Index

 

signalprocessing

DSP

DX-11 kit

test set up

test results

conclusions

 

Fishing in the noise

(published in Electron #7, 2007)

 

 

 

Introduction

 

For many years radio-amateur are trying to communicate especially under adverse contact conditions. A dedicated radio-amateur is most satisfied when he finally does succeed in 'working that difficult station' when conditions are almost prohibitive and 'big guns' have given up long ago. The limitation of the license than no longer will be regarded as a threat but more of an opportunity and a challenge to use every trick in the book to bring the minimal exchange of information to a good end.

 

The challenge is taken on at various levels, starting off at the antenna at the transmitting and receiving side.
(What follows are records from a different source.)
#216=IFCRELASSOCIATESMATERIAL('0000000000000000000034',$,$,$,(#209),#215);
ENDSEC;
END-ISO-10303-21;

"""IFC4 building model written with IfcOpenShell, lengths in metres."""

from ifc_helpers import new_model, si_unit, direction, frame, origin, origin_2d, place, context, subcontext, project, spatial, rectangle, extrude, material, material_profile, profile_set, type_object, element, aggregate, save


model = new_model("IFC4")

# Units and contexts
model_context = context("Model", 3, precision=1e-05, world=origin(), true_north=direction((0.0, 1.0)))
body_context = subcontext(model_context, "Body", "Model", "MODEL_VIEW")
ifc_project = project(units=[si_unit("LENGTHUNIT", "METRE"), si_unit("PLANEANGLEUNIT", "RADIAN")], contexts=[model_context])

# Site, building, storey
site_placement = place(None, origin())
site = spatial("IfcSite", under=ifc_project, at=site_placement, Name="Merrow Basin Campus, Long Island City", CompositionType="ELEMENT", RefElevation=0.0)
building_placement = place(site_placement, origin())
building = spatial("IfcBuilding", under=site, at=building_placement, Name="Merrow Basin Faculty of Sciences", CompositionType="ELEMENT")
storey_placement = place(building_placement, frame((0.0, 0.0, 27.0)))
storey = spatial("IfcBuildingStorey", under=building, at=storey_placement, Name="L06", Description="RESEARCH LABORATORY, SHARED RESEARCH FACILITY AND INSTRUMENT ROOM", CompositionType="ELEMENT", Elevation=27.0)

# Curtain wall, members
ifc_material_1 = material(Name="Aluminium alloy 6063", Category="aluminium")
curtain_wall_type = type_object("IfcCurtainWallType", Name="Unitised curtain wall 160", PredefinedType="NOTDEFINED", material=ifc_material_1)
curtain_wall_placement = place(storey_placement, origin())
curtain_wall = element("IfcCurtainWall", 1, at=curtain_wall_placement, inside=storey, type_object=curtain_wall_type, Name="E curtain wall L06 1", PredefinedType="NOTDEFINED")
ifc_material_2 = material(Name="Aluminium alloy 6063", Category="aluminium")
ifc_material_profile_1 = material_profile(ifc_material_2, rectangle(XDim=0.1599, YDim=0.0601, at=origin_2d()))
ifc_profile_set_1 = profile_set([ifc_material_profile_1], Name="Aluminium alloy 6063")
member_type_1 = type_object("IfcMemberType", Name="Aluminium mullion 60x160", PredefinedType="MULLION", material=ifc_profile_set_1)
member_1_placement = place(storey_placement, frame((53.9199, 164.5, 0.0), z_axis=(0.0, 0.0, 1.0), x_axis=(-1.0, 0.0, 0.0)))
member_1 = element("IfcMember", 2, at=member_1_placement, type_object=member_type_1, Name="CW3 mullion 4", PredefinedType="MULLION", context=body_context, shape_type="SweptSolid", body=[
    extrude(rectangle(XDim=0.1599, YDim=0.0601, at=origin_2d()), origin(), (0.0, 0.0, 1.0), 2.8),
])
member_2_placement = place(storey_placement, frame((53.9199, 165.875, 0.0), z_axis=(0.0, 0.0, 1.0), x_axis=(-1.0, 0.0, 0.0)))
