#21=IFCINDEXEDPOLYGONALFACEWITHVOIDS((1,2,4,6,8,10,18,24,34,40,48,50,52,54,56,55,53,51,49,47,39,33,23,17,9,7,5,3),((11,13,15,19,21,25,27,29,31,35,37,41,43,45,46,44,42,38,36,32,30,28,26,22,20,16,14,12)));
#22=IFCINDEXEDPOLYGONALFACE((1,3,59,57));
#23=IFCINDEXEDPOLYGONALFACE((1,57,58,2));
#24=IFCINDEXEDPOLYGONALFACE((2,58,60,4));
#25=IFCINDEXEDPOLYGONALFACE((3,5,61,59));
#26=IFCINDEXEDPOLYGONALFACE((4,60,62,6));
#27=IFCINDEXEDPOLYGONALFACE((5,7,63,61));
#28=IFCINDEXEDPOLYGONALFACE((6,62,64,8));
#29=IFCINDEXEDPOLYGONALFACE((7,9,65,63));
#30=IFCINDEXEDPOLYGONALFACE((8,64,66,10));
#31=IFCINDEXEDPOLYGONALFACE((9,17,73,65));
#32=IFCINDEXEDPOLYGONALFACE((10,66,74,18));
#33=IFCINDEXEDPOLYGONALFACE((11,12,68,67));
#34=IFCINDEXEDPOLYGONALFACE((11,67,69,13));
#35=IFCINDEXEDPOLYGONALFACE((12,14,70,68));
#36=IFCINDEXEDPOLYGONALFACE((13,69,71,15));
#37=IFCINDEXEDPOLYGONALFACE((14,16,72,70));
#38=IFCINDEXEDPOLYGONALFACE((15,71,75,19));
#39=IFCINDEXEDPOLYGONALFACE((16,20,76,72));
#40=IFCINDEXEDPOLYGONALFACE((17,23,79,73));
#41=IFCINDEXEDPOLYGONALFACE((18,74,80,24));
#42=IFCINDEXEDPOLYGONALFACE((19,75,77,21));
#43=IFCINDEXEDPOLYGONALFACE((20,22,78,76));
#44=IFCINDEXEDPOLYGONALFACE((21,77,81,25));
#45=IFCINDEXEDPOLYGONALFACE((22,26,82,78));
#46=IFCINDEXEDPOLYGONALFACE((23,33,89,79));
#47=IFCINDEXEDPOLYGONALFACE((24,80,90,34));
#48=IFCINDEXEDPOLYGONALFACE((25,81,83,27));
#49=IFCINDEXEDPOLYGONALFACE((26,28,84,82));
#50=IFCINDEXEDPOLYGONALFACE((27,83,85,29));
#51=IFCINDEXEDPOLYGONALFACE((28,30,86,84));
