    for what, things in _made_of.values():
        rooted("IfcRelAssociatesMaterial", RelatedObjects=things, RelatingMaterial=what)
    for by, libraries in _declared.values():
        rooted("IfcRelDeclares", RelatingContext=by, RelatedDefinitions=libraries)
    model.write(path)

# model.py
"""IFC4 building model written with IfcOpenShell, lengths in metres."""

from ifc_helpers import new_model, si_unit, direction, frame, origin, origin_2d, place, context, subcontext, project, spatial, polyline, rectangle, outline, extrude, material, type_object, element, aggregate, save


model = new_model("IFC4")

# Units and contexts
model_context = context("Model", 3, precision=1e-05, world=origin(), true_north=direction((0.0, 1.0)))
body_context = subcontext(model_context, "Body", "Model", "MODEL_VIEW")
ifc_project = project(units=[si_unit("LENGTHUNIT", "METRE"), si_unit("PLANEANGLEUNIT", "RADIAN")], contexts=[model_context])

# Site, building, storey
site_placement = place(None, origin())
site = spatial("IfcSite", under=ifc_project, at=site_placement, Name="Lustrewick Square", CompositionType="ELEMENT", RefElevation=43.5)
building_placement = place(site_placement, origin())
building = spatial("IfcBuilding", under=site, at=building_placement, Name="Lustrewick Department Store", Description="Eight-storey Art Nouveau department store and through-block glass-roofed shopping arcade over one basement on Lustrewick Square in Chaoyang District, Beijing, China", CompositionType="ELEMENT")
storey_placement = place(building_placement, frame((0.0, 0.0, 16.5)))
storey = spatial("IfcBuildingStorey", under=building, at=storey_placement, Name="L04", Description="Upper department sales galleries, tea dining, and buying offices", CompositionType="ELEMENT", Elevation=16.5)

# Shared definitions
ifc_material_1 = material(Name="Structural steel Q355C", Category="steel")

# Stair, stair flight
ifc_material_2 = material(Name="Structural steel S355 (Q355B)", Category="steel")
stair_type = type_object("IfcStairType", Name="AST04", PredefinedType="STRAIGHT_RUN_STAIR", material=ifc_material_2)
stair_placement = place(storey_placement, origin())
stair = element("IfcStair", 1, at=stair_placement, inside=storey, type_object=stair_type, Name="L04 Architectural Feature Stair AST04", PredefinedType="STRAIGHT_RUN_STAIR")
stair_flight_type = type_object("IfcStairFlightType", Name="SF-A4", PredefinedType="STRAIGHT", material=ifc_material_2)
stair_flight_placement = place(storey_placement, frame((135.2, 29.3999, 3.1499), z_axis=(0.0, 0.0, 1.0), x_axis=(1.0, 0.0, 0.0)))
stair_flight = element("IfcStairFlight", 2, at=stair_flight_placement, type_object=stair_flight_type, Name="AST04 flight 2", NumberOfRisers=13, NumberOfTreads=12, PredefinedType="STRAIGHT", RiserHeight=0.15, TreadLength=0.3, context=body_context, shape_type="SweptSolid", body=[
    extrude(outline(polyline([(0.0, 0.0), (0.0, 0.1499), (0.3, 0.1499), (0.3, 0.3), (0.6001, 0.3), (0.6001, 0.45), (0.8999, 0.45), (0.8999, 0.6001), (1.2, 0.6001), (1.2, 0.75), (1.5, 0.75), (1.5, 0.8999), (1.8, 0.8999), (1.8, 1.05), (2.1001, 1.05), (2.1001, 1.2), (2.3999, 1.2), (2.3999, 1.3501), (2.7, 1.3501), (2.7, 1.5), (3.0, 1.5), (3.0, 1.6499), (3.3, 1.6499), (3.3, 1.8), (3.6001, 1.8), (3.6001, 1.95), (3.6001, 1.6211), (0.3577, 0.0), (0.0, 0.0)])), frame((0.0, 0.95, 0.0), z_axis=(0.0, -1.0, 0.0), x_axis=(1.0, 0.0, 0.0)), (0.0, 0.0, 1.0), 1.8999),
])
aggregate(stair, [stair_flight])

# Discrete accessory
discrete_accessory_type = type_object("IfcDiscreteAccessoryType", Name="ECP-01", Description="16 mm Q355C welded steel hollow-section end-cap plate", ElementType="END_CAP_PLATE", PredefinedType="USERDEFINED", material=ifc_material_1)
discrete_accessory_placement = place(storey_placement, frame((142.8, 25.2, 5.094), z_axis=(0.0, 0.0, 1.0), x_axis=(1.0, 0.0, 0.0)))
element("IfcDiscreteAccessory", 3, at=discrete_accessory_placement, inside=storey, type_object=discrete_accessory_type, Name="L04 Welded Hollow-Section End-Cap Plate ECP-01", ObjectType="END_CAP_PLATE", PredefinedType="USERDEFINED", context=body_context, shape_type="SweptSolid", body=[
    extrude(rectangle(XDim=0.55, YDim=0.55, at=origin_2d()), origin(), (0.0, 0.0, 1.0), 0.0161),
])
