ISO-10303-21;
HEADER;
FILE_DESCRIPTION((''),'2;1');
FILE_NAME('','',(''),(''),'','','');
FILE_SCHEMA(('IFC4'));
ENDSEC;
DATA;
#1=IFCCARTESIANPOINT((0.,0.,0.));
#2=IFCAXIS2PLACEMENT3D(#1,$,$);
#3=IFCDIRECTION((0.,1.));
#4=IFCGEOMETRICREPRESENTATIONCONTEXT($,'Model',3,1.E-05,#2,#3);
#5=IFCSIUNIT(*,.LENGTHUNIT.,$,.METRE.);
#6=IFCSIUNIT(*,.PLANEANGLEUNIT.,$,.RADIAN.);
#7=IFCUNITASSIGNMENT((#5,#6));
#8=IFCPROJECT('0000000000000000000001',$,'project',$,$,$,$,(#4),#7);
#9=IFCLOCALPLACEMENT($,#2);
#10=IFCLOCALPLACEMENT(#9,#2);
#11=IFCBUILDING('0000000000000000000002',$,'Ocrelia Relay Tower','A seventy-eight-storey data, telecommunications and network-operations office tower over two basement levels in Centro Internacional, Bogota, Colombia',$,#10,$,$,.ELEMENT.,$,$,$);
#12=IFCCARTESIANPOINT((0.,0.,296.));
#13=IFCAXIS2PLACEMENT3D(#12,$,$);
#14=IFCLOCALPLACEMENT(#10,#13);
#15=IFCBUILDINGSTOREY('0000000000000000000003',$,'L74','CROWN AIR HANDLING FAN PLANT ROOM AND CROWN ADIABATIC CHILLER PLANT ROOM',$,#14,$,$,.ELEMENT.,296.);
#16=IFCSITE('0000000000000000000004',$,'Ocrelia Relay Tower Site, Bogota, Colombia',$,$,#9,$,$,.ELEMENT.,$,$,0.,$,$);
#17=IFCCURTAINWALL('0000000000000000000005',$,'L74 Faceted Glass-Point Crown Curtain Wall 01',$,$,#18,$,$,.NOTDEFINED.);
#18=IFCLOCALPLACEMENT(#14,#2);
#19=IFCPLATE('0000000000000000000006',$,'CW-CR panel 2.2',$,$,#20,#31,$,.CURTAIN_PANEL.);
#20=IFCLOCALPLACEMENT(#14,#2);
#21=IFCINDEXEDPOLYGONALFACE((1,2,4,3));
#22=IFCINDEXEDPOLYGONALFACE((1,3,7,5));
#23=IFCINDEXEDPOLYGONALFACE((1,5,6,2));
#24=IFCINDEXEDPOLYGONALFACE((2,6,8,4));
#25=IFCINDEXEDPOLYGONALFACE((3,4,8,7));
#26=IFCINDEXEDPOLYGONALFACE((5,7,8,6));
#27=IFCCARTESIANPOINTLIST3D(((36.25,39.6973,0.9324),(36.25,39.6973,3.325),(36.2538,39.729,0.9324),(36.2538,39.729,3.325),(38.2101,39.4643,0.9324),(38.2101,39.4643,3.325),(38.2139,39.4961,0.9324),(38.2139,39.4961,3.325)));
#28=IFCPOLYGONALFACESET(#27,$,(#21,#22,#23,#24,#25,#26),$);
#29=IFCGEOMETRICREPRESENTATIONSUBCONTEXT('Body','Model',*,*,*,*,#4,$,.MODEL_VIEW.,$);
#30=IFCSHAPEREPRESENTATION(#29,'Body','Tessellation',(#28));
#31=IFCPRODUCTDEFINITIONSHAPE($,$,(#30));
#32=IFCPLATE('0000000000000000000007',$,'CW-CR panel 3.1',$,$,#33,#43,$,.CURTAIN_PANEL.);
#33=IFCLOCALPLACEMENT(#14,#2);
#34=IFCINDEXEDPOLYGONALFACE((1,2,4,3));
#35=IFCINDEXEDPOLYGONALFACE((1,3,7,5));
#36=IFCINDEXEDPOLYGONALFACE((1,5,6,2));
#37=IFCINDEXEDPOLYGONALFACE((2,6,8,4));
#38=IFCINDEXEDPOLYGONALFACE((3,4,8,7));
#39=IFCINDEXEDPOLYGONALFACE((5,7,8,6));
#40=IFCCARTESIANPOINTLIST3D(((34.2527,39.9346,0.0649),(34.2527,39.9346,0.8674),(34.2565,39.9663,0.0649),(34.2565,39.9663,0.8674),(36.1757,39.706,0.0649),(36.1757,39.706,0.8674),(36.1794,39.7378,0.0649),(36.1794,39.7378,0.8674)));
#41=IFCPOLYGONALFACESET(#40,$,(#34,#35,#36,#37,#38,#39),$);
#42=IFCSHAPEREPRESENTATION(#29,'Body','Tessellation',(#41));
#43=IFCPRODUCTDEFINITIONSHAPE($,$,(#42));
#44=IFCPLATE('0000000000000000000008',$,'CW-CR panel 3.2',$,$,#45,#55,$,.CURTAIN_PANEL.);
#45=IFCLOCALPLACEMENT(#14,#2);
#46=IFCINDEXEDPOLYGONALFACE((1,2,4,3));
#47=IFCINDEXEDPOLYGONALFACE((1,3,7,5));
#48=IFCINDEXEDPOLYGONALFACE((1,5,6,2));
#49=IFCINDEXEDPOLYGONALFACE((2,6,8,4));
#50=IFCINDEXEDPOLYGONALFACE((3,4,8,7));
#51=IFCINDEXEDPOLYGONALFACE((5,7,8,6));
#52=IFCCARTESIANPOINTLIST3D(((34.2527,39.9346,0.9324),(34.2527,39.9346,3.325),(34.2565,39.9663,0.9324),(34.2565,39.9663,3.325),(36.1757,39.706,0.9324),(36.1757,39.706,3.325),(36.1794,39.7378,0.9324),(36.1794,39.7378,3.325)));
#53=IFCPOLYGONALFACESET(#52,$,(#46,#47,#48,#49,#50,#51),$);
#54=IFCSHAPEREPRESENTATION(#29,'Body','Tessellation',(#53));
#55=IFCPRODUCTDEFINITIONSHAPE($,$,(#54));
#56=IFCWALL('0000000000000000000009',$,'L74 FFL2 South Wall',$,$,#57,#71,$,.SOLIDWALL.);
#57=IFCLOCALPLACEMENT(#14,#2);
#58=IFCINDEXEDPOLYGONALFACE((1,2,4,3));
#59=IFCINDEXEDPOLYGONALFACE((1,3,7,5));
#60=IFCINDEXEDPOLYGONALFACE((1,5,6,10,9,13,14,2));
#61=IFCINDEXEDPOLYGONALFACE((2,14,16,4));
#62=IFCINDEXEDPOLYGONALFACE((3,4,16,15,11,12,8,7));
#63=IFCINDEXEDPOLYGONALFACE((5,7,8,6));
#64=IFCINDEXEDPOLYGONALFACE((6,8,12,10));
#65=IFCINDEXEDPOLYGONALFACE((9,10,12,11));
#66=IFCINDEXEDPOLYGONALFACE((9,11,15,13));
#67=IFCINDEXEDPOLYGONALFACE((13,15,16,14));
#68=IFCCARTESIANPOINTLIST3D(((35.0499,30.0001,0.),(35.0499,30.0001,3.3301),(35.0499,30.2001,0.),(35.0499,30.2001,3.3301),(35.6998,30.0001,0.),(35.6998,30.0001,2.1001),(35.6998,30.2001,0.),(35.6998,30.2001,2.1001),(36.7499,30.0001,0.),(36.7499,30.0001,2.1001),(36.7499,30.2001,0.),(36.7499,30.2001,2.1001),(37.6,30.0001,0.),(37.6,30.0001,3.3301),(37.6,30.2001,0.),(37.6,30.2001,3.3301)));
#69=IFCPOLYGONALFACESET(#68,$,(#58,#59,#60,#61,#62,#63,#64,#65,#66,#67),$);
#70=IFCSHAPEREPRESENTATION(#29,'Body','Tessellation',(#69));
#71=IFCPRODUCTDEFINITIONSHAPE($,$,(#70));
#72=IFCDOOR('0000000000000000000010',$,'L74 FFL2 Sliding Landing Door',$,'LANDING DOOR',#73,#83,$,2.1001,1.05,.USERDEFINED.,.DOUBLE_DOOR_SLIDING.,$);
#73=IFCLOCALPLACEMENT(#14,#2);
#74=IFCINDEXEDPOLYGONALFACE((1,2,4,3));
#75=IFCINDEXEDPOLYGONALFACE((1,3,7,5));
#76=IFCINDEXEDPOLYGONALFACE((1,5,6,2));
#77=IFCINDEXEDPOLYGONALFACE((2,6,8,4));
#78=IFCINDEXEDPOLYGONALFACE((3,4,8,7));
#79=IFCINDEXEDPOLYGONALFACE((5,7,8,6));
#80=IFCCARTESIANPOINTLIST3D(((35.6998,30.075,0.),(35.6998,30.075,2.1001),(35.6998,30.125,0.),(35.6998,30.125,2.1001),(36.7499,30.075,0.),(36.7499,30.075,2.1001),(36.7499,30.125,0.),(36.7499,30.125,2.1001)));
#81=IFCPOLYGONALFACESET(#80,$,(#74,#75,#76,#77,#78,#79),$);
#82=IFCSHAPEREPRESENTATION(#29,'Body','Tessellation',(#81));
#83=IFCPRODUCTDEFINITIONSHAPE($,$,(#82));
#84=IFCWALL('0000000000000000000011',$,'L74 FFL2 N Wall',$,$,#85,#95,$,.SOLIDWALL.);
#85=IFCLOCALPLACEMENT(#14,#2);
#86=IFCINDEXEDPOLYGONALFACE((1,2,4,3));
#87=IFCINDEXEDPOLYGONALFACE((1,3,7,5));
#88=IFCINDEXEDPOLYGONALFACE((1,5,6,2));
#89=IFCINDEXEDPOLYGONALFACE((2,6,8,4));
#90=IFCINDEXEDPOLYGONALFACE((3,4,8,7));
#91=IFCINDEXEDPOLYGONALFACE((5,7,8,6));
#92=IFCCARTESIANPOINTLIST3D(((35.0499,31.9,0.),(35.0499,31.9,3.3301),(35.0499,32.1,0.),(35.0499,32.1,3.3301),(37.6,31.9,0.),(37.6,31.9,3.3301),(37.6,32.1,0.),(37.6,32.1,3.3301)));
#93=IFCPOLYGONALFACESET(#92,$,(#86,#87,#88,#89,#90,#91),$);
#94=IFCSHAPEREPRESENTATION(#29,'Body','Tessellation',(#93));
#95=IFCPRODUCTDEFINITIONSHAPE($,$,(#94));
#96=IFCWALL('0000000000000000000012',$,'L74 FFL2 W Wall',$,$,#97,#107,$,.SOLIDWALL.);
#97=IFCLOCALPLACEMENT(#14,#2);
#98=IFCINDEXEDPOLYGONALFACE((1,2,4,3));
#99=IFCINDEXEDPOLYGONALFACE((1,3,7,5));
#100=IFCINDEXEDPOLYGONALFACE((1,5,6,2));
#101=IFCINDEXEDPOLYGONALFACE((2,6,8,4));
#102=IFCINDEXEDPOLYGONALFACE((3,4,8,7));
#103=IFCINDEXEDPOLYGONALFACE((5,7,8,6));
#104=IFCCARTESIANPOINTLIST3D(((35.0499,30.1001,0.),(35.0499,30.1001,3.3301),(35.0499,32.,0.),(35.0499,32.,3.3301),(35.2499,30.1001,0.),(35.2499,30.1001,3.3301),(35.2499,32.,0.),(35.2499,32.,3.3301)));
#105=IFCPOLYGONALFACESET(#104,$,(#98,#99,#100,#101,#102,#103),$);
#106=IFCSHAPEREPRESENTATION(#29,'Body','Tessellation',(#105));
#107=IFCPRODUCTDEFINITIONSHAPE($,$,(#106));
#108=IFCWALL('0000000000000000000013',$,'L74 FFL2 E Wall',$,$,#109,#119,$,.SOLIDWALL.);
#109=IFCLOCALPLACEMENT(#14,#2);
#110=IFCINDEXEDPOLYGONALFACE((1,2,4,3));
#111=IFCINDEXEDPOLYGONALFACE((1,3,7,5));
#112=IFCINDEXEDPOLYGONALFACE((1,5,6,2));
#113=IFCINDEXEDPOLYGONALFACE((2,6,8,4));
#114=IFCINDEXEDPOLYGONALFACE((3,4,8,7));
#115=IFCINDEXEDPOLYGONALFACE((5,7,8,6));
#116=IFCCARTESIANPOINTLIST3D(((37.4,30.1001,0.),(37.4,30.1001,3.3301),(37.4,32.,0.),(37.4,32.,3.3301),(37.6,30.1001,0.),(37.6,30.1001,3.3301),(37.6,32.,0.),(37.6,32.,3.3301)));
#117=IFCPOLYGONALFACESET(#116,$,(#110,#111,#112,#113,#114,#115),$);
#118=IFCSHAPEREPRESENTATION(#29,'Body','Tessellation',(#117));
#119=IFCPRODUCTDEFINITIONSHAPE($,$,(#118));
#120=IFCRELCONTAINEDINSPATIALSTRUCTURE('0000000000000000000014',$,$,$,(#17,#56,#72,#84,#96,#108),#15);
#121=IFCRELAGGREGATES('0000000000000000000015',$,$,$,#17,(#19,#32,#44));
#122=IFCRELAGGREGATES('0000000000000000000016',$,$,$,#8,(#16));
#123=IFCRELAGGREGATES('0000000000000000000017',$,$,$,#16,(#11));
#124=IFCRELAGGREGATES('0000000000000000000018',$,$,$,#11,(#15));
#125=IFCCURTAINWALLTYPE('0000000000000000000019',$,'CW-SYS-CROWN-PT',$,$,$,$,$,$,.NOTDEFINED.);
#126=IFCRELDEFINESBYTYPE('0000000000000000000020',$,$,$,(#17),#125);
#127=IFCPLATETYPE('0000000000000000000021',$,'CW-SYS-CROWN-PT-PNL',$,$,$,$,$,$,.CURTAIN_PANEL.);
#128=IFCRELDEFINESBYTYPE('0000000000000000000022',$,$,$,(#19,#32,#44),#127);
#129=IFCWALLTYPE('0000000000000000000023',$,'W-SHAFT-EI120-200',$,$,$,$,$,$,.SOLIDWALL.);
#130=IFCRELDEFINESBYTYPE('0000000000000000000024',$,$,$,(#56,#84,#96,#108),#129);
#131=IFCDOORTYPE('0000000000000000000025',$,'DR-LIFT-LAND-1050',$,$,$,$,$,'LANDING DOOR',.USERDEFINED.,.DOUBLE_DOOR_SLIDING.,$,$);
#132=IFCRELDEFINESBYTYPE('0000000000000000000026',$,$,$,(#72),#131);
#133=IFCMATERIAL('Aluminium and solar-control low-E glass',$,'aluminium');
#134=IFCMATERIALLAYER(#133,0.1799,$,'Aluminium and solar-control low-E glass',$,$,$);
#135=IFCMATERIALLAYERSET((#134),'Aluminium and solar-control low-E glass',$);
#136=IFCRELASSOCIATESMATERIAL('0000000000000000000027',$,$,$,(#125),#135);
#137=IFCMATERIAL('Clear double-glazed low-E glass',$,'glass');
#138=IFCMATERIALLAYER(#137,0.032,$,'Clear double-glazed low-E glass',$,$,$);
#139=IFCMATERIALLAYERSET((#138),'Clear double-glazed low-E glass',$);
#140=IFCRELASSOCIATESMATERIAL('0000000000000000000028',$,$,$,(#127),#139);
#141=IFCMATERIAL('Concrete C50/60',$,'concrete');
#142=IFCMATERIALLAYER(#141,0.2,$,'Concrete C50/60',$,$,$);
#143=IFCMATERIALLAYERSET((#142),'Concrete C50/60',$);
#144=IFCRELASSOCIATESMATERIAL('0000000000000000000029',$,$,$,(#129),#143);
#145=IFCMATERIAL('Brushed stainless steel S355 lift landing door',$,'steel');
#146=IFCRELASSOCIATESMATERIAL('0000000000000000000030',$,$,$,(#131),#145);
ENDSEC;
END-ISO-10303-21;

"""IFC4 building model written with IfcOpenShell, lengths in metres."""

from ifc_helpers import new_model, si_unit, direction, frame, frame_2d, origin, origin_2d, place, context, subcontext, project, spatial, rectangle, extrude, material, layer, layer_set, type_object, element, fill, aggregate, save


model = new_model("IFC4")

# Units and contexts
model_context = context("Model", 3, precision=1e-05, world=origin(), true_north=direction((0.0, 1.0)))
body_context = subcontext(model_context, "Body", "Model", "MODEL_VIEW")
ifc_project = project(units=[si_unit("LENGTHUNIT", "METRE"), si_unit("PLANEANGLEUNIT", "RADIAN")], contexts=[model_context])

# Site, building, storey
site_placement = place(None, origin())
site = spatial("IfcSite", under=ifc_project, at=site_placement, Name="Ocrelia Relay Tower Site, Bogota, Colombia", CompositionType="ELEMENT", RefElevation=0.0)
building_placement = place(site_placement, origin())
building = spatial("IfcBuilding", under=site, at=building_placement, Name="Ocrelia Relay Tower", Description="A seventy-eight-storey data, telecommunications and network-operations office tower over two basement levels in Centro Internacional, Bogota, Colombia", CompositionType="ELEMENT")
storey_placement = place(building_placement, frame((0.0, 0.0, 296.0)))
storey = spatial("IfcBuildingStorey", under=building, at=storey_placement, Name="L74", Description="CROWN AIR HANDLING FAN PLANT ROOM AND CROWN ADIABATIC CHILLER PLANT ROOM", CompositionType="ELEMENT", Elevation=296.0)

# Curtain wall
ifc_material_1 = material(Name="Aluminium and solar-control low-E glass", Category="aluminium")
ifc_layer_1 = layer(ifc_material_1, 0.1799, Name="Aluminium and solar-control low-E glass")
ifc_layer_set_1 = layer_set([ifc_layer_1], Name="Aluminium and solar-control low-E glass")
curtain_wall_type = type_object("IfcCurtainWallType", Name="CW-SYS-CROWN-PT", PredefinedType="NOTDEFINED", material=ifc_layer_set_1)
curtain_wall_1_placement = place(storey_placement, origin())
curtain_wall_1 = element("IfcCurtainWall", 1, at=curtain_wall_1_placement, inside=storey, type_object=curtain_wall_type, Name="L74 Faceted Glass-Point Crown Curtain Wall 01", PredefinedType="NOTDEFINED")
Loss in the antenna system is the first to avoid trap and a discussion about this subject may be found at "Where does the power go".

Next to the antenna-system, the 'art of listening' is an important instrument that may only be mastered after extensive practice. This art may be boost by clever tools to give the signal an edge over the noise. This last subject will be the topic in the following discussion.

   

 

Signal processing

 

Already from the beginning of radio-communication, listening stations have been confronted with all kinds of natural radio-sources that made life difficult. It therefore did not take long before the 'noise limiter' was invented to limit the deafening burst noise of thunderstorm.

 

In these early radio-years Morse code signals were the mode of operation. Using feed-back receivers it was possible to limit band-width at the receiving side to the absolute minimum as required range for these signals.  Frequency-stability problems of the receivers of those days however made keeping track a tedious adventure. With the super-heterodyne arriving, stability was enhanced as well and filtering to improve signal to noise ratio was shifted to the audio part of the station.

 

It soon appeared to be difficult to design and construct good audio-filtering that was steep enough to prevent unwanted signals to pass without too much added distortion. Filtering technology at the IF section was helping out especially with the aid of 'mechanical' technologies like crystal filters, later to be followed by the famous Collins mechanical filters.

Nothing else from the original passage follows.